MinuteSort with Flat Datacenter Storage

Its been a couple of days since Microsoft has been in the news as the one to beat the previous data sorting record held by Hadoop by sorting 1,401Gb of data in a minute. All news articles came along with a mention of two new terms namely, Flat Datacenter Storage and Full Bisection Bandwidth Networks. The enquiry to understand what these terms meant led me to this paper which makes an attempt at describing it. Flat Datacenter Storage (FDS) happens to be a high-performance distributed blob storage system. Just the kind of system I would love to cover for this blog!

Data is stored on dedicated storage nodes, called tractservers (comparable to HFDS name nodes). The tractserver is a network front-end to a single disk; machines with multiple disks have one tractserver running per disk.
User code does not run on tractservers; applications can only retrieve data from or write data to tractservers over the network. In FDS, there is no such thing as a local file.
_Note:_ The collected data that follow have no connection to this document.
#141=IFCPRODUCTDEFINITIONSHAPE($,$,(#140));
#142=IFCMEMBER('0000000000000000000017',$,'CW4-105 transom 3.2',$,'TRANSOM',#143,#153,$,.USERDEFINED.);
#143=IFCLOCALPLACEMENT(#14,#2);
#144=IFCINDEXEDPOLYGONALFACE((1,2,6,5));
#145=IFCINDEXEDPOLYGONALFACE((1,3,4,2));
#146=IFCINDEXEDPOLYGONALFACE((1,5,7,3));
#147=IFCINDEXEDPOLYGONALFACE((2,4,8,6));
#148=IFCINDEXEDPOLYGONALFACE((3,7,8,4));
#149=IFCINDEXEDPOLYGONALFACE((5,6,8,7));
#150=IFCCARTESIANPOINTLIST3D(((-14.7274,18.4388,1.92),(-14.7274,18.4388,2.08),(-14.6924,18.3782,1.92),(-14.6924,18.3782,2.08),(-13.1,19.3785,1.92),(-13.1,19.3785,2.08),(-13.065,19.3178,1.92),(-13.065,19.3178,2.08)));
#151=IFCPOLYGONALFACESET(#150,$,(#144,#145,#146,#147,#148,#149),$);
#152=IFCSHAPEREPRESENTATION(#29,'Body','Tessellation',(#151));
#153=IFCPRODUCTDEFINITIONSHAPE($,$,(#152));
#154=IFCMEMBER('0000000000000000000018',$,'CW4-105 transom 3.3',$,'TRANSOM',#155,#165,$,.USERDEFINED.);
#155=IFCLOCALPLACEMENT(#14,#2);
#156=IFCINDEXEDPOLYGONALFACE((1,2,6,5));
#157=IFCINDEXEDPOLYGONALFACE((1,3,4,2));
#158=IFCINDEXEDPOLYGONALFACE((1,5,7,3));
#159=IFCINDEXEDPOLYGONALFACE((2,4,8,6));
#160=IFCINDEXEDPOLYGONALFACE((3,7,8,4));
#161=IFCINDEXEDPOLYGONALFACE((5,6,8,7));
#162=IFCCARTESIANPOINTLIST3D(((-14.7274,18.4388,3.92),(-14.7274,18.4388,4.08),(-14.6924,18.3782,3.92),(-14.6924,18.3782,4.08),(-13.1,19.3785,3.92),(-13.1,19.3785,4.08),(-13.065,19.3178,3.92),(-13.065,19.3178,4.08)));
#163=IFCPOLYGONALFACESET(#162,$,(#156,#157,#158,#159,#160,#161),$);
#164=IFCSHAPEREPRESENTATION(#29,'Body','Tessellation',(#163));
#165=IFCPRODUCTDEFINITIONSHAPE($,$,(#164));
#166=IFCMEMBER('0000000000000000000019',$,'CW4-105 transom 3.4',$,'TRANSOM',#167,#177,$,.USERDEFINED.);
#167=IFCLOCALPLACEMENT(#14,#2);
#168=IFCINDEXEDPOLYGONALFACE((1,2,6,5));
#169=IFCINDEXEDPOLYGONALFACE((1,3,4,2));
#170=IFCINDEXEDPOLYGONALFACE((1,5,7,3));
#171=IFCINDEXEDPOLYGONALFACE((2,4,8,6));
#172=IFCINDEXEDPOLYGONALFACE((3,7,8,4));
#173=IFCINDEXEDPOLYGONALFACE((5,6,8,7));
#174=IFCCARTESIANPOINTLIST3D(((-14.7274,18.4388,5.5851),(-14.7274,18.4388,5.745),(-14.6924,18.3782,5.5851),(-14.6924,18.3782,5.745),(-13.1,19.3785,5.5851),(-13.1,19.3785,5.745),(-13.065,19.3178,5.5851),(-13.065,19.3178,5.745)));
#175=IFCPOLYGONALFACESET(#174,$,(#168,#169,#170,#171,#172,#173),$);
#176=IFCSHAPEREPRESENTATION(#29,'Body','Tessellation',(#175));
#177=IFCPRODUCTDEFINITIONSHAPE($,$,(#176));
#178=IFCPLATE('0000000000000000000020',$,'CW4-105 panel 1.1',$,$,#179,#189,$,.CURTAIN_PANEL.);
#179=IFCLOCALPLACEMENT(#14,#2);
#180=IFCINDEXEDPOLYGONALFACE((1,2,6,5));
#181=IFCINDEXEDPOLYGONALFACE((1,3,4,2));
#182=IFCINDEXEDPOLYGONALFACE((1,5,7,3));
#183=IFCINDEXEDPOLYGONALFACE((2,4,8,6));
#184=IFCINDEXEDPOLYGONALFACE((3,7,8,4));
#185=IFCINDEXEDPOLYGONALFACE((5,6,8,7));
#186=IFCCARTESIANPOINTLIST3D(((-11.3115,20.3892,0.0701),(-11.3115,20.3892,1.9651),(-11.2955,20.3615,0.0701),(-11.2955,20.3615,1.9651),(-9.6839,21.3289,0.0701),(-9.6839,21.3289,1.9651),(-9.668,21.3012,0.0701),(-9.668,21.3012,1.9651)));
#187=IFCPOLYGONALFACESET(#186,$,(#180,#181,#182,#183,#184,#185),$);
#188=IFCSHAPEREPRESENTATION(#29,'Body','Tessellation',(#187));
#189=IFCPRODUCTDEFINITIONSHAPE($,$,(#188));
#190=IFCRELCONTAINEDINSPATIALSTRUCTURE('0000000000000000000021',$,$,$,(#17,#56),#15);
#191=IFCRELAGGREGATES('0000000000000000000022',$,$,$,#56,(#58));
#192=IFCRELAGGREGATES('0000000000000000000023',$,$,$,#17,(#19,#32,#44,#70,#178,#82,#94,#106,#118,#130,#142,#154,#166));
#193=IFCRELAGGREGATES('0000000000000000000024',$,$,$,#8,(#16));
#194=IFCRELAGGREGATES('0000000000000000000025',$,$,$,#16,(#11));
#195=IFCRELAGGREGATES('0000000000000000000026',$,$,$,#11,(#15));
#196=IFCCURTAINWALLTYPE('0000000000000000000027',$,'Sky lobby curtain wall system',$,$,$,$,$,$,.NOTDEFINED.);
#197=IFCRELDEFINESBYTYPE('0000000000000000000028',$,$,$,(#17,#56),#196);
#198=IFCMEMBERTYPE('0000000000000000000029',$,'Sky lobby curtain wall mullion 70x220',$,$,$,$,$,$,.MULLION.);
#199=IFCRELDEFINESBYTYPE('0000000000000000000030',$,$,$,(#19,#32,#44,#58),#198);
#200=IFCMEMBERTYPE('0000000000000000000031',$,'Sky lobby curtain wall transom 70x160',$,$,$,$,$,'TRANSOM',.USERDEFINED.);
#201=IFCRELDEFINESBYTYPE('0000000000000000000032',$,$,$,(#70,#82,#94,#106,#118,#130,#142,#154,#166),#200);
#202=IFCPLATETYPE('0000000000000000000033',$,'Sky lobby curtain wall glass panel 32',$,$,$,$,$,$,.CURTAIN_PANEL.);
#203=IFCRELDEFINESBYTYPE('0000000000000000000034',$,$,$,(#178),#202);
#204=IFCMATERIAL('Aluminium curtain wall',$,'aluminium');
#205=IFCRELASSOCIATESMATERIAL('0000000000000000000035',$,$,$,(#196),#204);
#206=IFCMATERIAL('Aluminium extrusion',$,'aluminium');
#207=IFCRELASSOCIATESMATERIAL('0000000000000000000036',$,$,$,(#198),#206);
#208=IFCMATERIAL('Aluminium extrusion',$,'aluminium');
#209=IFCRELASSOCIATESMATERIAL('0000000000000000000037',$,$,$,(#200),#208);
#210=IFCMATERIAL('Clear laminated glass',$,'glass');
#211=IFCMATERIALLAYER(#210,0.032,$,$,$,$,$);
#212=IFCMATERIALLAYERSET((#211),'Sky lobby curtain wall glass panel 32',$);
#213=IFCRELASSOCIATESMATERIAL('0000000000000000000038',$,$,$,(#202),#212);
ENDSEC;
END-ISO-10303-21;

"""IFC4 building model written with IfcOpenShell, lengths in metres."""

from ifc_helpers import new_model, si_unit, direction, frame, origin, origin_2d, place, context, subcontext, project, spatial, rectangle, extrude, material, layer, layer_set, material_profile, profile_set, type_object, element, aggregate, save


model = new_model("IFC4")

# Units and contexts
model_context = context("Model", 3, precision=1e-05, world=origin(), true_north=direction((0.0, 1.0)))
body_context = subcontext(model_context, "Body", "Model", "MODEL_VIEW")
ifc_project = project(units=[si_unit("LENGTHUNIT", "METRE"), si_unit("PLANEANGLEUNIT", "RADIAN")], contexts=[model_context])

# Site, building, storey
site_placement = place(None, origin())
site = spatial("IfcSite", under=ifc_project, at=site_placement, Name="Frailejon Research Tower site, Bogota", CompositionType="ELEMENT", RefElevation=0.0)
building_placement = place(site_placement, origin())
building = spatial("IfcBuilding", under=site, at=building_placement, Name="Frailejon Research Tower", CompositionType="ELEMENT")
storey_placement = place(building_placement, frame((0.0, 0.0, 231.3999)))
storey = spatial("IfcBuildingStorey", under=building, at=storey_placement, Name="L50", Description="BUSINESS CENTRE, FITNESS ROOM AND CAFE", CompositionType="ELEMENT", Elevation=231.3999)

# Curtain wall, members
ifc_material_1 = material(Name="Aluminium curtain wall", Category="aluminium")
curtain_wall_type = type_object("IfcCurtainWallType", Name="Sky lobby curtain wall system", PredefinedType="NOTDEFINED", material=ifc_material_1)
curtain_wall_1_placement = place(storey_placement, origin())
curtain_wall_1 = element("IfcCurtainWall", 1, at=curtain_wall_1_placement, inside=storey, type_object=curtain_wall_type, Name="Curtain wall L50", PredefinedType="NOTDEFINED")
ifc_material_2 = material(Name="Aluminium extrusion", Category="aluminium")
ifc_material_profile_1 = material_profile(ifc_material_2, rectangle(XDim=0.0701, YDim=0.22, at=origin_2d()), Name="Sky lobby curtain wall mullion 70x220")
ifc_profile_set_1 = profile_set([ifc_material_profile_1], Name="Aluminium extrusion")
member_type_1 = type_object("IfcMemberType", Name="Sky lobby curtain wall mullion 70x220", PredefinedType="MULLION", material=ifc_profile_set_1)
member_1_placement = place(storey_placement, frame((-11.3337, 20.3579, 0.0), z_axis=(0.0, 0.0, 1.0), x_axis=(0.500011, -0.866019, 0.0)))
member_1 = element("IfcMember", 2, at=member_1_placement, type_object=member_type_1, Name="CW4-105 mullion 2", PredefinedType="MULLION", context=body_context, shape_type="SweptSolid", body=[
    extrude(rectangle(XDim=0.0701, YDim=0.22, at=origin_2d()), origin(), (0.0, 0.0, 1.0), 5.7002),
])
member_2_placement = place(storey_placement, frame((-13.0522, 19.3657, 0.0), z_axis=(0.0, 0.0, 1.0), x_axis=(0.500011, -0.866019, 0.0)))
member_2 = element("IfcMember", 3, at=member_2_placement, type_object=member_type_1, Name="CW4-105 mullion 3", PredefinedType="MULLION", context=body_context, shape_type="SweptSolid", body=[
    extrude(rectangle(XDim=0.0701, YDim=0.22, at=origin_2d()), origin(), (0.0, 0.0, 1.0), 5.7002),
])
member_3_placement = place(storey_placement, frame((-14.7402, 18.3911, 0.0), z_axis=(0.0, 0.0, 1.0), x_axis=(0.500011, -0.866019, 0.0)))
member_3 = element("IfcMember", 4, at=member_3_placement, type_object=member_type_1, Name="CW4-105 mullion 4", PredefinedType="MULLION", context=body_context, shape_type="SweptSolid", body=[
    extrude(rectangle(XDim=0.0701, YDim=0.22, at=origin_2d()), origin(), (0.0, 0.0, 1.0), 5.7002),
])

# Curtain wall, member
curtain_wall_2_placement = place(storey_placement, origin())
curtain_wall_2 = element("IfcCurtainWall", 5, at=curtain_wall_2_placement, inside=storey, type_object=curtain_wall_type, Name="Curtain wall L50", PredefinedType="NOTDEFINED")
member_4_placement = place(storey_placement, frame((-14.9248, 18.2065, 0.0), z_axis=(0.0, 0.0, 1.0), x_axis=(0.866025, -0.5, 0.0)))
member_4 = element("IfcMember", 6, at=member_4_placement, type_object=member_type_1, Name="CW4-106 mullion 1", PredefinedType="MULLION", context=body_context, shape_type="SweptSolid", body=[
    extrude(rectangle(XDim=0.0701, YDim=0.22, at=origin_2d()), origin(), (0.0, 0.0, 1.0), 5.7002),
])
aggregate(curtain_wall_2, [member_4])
Contrary to the idea of moving compute to the storage nodes this system works by always sending data over the network. It manages the cost of data transport by
a) Giving each storage node network bandwidth that matches its storage bandwidth
b) Interconnecting storage nodes and compute nodes using a full bisection bandwidth network

This combination produces an uncongested path from remote disks to CPUs, giving the system an aggregate I/O bandwidth essentially equivalent to a system such as MapReduce that uses local storage. FDS also supports data replication for failure recovery.

In FDS, data is logically stored in blobs. A blob is a byte sequence named with a 128-bit GUID. Blobs can be any length, limited in size only by the system’s storage capacity. Reads from and writes to a blob are done in units called tracts. Each tract within a blob is numbered sequentially starting from 0. Tracts in FDS are about 8MB. The FDS API defines simple CRUD operations to interact with a Blob. All calls in the API are non-blocking. Consequently the API also takes in callback function that is invoked after the operation completes.

By spreading a blob’s tracts over many tractservers and issuing many requests in parallel, many tractservers can begin reading data off disk and transferring it back to a processing node in parallel. Deep read-aheads enable a tract to be read off disk into the tractserver’s cache while the previous one is being transferred over the network.

Does it have a SPOF?

A single central metadata server that should be consulted to learn about where the data is placed is a common design pattern in distributed storage systems. Writers contact the metadata server to find out where to write a new block; the metadata server picks a data server, durably stores that decision and returns it to the writer. Readers contact the metadata server to find out which servers store the blocks to be read. This approach turns the metadata server into a SPOF as it is always on the critical path for all reads and writes.

This system too has a metadata server, except that its role during normal operations is simple and limited: collect a list of the system’s active tractservers and distribute information about them to clients. This list known as the tract locator table (TLT), is first retrieved from the metadata server when a client starts. The metadata server stores only metadata about the hardware configuration, not about files.

When it wants to read or write a tract, it first computes a tract locator. The simplest tract locator is the sum of the 128-bit blob GUID to be read and the 64-bit tract number to be read, modulo the number of entries in the TLT. Indexing the tract locator into the TLT yields the tractserver to which that tract read or write should be issued. The TLT changes only in response to cluster reconfiguration and not individual CRUD operations. It can thus be cached by clients for a long time.

Since the tractservers remember their position in the table, the metadata server stores no durable state; in case of a metadata server failure, the TLT is reconstructed by contacting each tractserver. The TLT is never modified due to reads and writes.
Also the TLT contains random permutations of the list of tractservers. This increases the chances of sequential reads and writes by independent clients utilizing all tractservers uniformly. The TLTs independent permutations prevent clients from organizing into synchronized convoys.

Section 2.2.1 very splendidly describes the optimizations and trade-offs in the design of the metadata server. A must read!

Per-blob metadata, such as blob length and permissions, are stored in a special tract (“tract -1”) of each blob. Clients find a blob’s metadata using the same method for finding data, using the TLT. Thus per blob metadata management is as distributed as blob
data storage.

The rest of the paper describes the execution of the sort algorithm in great detail.